I will say this. She is right. I have not been able to bring myself to pull the trigger and sell everything I have, but I have switched about 40% of my IRA into silver and gold, and I havent even done it the correct way (read: not into actual physical metals) but to me, not having the physical stuff in my hands is the same as the paper. Some feel differently, and have firms that they trust, and thats great. More of us will say that you must actually have it in your possession, and I agree.
Sorry, you cant talk about the markets (especially in here) without getting into precious metals.
All of the markets are rigged. Stocks, bonds, all of it. That does not mean that you cannot make money with them, but understand that its a game played by huge players, and you are along for the ride.
[For a political aside, and I have trouble verifying this, but I have heard of it from more than one source...
during the last debate, a question was read to Cain along these lines: "70% of the stock trades are done by computers, what will you do to protect the little guy?" He of course had no answer, and said "We have to create jobs".] My point is not about Cain, but that if 70% of the trades are done by computer programs, there is really no relation between the price of a stock and its 'actual' (? perceived?) value. To quote Max Keiser "There is no price discovery". Prices for any good are (supposed to be, in a free market, which is pie in the sky, because there isnt one unless you are bartering with your neighbor) set by supply and demand. If computer programs are doing the (high frequency) trading, then there is no 'real' correlation between the price and the actual supply/demand for the stock.
It is a huge game of chess, and you are a speck of dust on the board.

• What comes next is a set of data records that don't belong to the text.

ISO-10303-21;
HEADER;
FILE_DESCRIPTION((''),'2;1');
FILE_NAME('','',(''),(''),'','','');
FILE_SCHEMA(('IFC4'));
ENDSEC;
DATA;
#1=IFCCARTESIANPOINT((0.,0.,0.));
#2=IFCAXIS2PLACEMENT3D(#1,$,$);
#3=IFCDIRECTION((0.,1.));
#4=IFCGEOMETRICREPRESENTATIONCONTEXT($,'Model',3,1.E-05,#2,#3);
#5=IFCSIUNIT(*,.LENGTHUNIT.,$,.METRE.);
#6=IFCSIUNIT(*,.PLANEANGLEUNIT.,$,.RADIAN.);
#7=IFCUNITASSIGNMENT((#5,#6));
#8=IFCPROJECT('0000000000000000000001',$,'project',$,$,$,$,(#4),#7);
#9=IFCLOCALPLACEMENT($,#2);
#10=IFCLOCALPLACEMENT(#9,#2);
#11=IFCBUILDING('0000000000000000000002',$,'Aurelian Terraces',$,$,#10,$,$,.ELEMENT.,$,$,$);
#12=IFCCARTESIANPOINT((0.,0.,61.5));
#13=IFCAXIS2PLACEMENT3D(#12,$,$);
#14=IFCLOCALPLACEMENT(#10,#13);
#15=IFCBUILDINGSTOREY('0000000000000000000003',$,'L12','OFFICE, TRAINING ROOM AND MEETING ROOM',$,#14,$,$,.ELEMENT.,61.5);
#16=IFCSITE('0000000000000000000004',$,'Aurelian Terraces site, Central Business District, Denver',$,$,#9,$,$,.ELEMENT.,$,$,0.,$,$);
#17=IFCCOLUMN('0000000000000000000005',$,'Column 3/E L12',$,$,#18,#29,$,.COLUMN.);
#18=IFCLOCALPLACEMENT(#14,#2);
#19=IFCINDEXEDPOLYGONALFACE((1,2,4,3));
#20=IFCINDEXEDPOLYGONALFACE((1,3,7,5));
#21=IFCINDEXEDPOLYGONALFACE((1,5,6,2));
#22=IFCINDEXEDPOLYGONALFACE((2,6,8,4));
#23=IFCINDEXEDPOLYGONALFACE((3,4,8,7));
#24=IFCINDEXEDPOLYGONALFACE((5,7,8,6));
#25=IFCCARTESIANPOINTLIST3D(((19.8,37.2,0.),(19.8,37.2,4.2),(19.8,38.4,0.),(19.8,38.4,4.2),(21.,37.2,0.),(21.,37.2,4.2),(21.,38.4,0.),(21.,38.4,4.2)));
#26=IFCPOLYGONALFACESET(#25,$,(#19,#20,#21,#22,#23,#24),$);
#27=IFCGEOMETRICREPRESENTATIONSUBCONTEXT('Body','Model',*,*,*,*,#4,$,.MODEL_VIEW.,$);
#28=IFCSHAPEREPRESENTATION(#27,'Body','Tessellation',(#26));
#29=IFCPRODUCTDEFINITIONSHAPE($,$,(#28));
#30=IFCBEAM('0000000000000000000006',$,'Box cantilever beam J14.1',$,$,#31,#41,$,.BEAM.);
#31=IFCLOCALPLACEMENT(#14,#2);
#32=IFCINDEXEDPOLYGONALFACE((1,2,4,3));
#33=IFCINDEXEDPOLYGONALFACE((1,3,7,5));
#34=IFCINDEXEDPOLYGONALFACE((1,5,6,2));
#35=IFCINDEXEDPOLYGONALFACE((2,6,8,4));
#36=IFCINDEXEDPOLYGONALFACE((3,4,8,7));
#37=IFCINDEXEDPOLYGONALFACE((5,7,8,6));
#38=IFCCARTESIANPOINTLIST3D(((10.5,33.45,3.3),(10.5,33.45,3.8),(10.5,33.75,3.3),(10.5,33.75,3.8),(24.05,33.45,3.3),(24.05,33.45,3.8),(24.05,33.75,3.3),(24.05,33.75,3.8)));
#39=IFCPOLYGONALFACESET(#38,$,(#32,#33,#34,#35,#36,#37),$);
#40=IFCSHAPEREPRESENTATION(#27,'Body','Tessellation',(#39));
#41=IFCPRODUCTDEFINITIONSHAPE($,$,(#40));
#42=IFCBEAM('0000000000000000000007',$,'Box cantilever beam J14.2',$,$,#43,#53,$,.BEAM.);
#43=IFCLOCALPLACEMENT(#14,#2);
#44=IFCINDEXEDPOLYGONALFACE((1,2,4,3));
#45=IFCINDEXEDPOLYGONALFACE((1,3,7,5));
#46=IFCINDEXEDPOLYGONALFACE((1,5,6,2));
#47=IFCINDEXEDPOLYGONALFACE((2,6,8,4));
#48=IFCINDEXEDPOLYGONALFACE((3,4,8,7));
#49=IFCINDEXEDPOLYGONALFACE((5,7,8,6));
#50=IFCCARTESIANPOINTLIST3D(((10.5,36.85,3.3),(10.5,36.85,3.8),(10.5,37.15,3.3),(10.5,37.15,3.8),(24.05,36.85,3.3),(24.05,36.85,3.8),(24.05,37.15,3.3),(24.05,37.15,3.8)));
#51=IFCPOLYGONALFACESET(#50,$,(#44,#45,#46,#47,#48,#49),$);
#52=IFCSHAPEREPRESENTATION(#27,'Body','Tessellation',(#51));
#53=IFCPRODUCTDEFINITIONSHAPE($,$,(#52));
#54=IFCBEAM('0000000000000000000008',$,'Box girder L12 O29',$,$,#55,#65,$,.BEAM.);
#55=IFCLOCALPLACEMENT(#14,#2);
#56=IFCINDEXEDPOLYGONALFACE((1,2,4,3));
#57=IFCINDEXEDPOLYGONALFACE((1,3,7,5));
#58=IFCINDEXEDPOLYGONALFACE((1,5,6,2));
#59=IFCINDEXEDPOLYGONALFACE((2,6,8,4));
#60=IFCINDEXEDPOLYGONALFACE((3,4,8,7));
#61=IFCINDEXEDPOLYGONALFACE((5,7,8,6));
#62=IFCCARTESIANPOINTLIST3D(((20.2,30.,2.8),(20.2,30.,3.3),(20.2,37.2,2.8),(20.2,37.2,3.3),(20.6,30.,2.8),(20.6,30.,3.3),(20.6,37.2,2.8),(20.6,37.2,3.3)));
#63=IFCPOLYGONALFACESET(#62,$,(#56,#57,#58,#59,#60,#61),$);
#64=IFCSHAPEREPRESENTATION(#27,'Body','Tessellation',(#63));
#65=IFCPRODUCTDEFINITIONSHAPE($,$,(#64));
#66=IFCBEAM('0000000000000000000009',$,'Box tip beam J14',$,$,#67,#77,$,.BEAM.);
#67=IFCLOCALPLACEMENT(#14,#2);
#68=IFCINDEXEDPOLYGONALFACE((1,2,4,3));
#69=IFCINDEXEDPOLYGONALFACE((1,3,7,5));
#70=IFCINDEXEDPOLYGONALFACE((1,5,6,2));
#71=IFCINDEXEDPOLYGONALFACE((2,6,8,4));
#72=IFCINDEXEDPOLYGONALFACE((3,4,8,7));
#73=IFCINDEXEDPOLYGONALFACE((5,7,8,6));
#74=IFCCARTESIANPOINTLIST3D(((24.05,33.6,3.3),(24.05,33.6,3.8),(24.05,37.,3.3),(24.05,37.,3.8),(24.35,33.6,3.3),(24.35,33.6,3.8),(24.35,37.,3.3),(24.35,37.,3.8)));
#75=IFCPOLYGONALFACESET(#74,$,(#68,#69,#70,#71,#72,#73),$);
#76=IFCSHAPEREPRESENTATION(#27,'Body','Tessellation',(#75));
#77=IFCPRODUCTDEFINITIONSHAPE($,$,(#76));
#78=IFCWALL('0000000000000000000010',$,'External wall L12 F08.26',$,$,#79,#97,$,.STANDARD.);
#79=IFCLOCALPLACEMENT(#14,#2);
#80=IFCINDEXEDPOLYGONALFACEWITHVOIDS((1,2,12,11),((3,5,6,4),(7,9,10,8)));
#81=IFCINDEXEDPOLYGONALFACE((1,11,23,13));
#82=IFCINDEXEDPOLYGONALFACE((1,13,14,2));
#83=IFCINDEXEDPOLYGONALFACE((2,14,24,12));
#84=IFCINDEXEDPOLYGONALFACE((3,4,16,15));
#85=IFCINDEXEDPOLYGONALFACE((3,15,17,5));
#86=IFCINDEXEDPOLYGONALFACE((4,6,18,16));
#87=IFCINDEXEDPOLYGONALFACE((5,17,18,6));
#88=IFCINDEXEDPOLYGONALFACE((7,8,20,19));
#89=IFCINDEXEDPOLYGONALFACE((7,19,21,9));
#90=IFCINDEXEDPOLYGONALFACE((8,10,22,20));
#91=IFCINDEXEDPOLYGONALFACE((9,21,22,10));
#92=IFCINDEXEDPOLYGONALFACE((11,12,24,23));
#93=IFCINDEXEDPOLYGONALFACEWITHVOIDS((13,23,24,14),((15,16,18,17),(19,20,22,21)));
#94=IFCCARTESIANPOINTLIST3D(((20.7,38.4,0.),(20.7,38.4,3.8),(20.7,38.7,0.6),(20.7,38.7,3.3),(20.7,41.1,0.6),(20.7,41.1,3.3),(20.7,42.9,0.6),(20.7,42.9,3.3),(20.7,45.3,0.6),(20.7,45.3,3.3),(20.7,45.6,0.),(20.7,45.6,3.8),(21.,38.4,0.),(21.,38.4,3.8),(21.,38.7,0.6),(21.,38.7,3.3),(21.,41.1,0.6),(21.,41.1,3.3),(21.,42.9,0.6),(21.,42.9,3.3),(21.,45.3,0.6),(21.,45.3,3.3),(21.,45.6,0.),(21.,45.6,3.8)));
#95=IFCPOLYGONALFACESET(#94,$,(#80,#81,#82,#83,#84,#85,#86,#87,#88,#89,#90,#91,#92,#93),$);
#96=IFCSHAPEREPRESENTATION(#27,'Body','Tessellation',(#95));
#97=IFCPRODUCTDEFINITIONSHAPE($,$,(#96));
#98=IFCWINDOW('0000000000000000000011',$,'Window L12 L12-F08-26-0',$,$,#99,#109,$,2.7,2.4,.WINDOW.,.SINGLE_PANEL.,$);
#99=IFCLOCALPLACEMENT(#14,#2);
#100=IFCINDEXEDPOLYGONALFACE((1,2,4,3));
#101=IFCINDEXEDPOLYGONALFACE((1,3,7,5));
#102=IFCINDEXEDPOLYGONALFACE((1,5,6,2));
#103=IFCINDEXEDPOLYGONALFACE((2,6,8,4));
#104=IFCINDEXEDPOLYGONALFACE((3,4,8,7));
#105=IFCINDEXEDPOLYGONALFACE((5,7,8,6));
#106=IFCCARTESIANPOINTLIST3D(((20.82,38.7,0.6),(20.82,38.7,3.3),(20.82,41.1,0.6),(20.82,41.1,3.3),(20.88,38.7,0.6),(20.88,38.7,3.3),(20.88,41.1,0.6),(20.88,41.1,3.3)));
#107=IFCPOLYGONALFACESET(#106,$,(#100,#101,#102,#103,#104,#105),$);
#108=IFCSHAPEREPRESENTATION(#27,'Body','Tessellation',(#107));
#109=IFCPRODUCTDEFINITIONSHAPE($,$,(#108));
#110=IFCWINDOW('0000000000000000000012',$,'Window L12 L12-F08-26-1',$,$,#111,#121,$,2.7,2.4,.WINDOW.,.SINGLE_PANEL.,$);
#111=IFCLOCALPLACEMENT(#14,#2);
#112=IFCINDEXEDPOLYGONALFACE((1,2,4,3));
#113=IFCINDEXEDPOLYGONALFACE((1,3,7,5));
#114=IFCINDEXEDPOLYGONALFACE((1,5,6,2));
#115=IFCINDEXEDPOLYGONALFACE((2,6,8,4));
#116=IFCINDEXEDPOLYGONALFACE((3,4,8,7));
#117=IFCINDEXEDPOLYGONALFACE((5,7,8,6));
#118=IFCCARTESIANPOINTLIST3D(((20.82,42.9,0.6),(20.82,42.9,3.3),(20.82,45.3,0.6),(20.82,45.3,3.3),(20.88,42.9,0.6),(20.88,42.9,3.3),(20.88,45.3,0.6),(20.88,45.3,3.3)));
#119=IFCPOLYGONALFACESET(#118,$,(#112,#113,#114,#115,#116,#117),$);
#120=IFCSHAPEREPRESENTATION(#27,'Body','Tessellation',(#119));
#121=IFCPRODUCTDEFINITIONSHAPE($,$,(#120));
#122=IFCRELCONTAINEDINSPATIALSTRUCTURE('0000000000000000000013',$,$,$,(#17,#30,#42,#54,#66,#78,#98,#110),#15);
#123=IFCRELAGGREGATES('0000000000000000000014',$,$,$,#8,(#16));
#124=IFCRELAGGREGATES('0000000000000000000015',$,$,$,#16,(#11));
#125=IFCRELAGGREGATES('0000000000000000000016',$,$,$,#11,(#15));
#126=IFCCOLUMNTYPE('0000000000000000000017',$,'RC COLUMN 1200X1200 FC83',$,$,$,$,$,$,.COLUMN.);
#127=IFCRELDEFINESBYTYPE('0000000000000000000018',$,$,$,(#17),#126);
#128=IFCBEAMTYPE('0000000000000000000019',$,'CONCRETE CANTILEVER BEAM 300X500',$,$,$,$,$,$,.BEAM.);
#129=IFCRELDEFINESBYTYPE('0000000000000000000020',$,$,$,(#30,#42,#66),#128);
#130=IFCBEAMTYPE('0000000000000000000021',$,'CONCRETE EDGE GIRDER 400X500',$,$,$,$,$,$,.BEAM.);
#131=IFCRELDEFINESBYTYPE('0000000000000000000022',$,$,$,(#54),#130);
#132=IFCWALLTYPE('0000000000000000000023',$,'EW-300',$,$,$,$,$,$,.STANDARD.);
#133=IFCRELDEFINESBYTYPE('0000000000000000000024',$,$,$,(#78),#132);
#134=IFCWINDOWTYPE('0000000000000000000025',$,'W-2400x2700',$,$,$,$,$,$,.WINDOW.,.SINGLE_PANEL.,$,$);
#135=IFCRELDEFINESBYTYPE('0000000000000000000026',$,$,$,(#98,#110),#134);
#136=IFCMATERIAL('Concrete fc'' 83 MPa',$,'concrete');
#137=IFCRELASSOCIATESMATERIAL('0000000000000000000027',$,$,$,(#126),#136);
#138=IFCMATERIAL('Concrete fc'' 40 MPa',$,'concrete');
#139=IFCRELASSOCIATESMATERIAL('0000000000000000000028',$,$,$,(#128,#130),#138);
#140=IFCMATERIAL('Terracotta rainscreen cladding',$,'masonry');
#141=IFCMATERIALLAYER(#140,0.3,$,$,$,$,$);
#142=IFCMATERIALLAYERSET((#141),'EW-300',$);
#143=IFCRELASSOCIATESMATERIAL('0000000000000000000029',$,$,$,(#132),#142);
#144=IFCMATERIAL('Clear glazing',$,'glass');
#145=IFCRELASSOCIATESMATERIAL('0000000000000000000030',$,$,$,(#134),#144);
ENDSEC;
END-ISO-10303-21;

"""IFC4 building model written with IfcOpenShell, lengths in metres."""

from ifc_helpers import new_model, si_unit, direction, frame, frame_2d, origin, origin_2d, place, context, subcontext, project, spatial, rectangle, extrude, source, transform, mapped, material, layer, layer_set, material_profile, profile_set, type_object, element, fill, save


model = new_model("IFC4")

# Units and contexts
model_context = context("Model", 3, precision=1e-05, world=origin(), true_north=direction((0.0, 1.0)))
body_context = subcontext(model_context, "Body", "Model", "MODEL_VIEW")
ifc_project = project(units=[si_unit("LENGTHUNIT", "METRE"), si_unit("PLANEANGLEUNIT", "RADIAN")], contexts=[model_context])

# Site, building, storey
site_placement = place(None, origin())
site = spatial("IfcSite", under=ifc_project, at=site_placement, Name="Aurelian Terraces site, Central Business District, Denver", CompositionType="ELEMENT", RefElevation=0.0)
building_placement = place(site_placement, origin())
building = spatial("IfcBuilding", under=site, at=building_placement, Name="Aurelian Terraces", CompositionType="ELEMENT")
storey_placement = place(building_placement, frame((0.0, 0.0, 61.5)))
storey = spatial("IfcBuildingStorey", under=building, at=storey_placement, Name="L12", Description="OFFICE, TRAINING ROOM AND MEETING ROOM", CompositionType="ELEMENT", Elevation=61.5)

# Column
ifc_material_1 = material(Name="Concrete fc' 83 MPa", Category="concrete")
ifc_material_profile_1 = material_profile(ifc_material_1, rectangle(XDim=1.2, YDim=1.2, at=origin_2d()))
ifc_profile_set_1 = profile_set([ifc_material_profile_1], Name="Concrete fc' 83 MPa")
column_type = type_object("IfcColumnType", Name="RC COLUMN 1200X1200 FC83", PredefinedType="COLUMN", material=ifc_profile_set_1)
shared_shape_1 = source(origin(), body_context, "Body", "SweptSolid", [
    extrude(rectangle(XDim=1.2, YDim=1.2, at=origin_2d()), origin(), (0.0, 0.0, 1.0), 4.2),
])
column_placement = place(storey_placement, frame((20.4, 37.8, 0.0), z_axis=(0.0, 0.0, 1.0), x_axis=(1.0, 0.0, 0.0)))
element("IfcColumn", 1, at=column_placement, inside=storey, type_object=column_type, Name="Column 3/E L12", PredefinedType="COLUMN", context=body_context, shape_type="MappedRepresentation", body=[
    mapped(shared_shape_1, transform((0.0, 0.0, 0.0), scale=1.0)),
])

Sorry, got off track there.

The markets are rigged. There are plenty of criminals involved, as there are in any industry. Personally I am less concerned with outright blatant theft (as in the MF case) than with the global economic situation itself. Corzine will not go to jail, he is too well connected. And to think, he was a state Guvnah! I am more worried that the current state of the global economy is built on a sham; fiat currencies, rediculous accounting practices, and corruption.
Yes, the markets are not safe. Money can certainly be made, but it is, and has been for a while, a gamble. Do not play with money you need. (I have never had money I didnt need)
I think its probably safe to say that I can speak for most us in saying that the global financial system is on the verge of collapse. We could be wrong. There are NO safe investments. (food, water, etc are NOT investments!) Your house obviously IS an investment, but you have to have a place to live.
A quick read through a days worth of articles on ZH ) ZeroHedge, where the article came from, just in case) will reinforce this. The system is ready to collapse. You cannot be worse off by putting all of your money into food, water, shelter, and protection.
Ugh, I knew I was gonna write a freaking book as a response.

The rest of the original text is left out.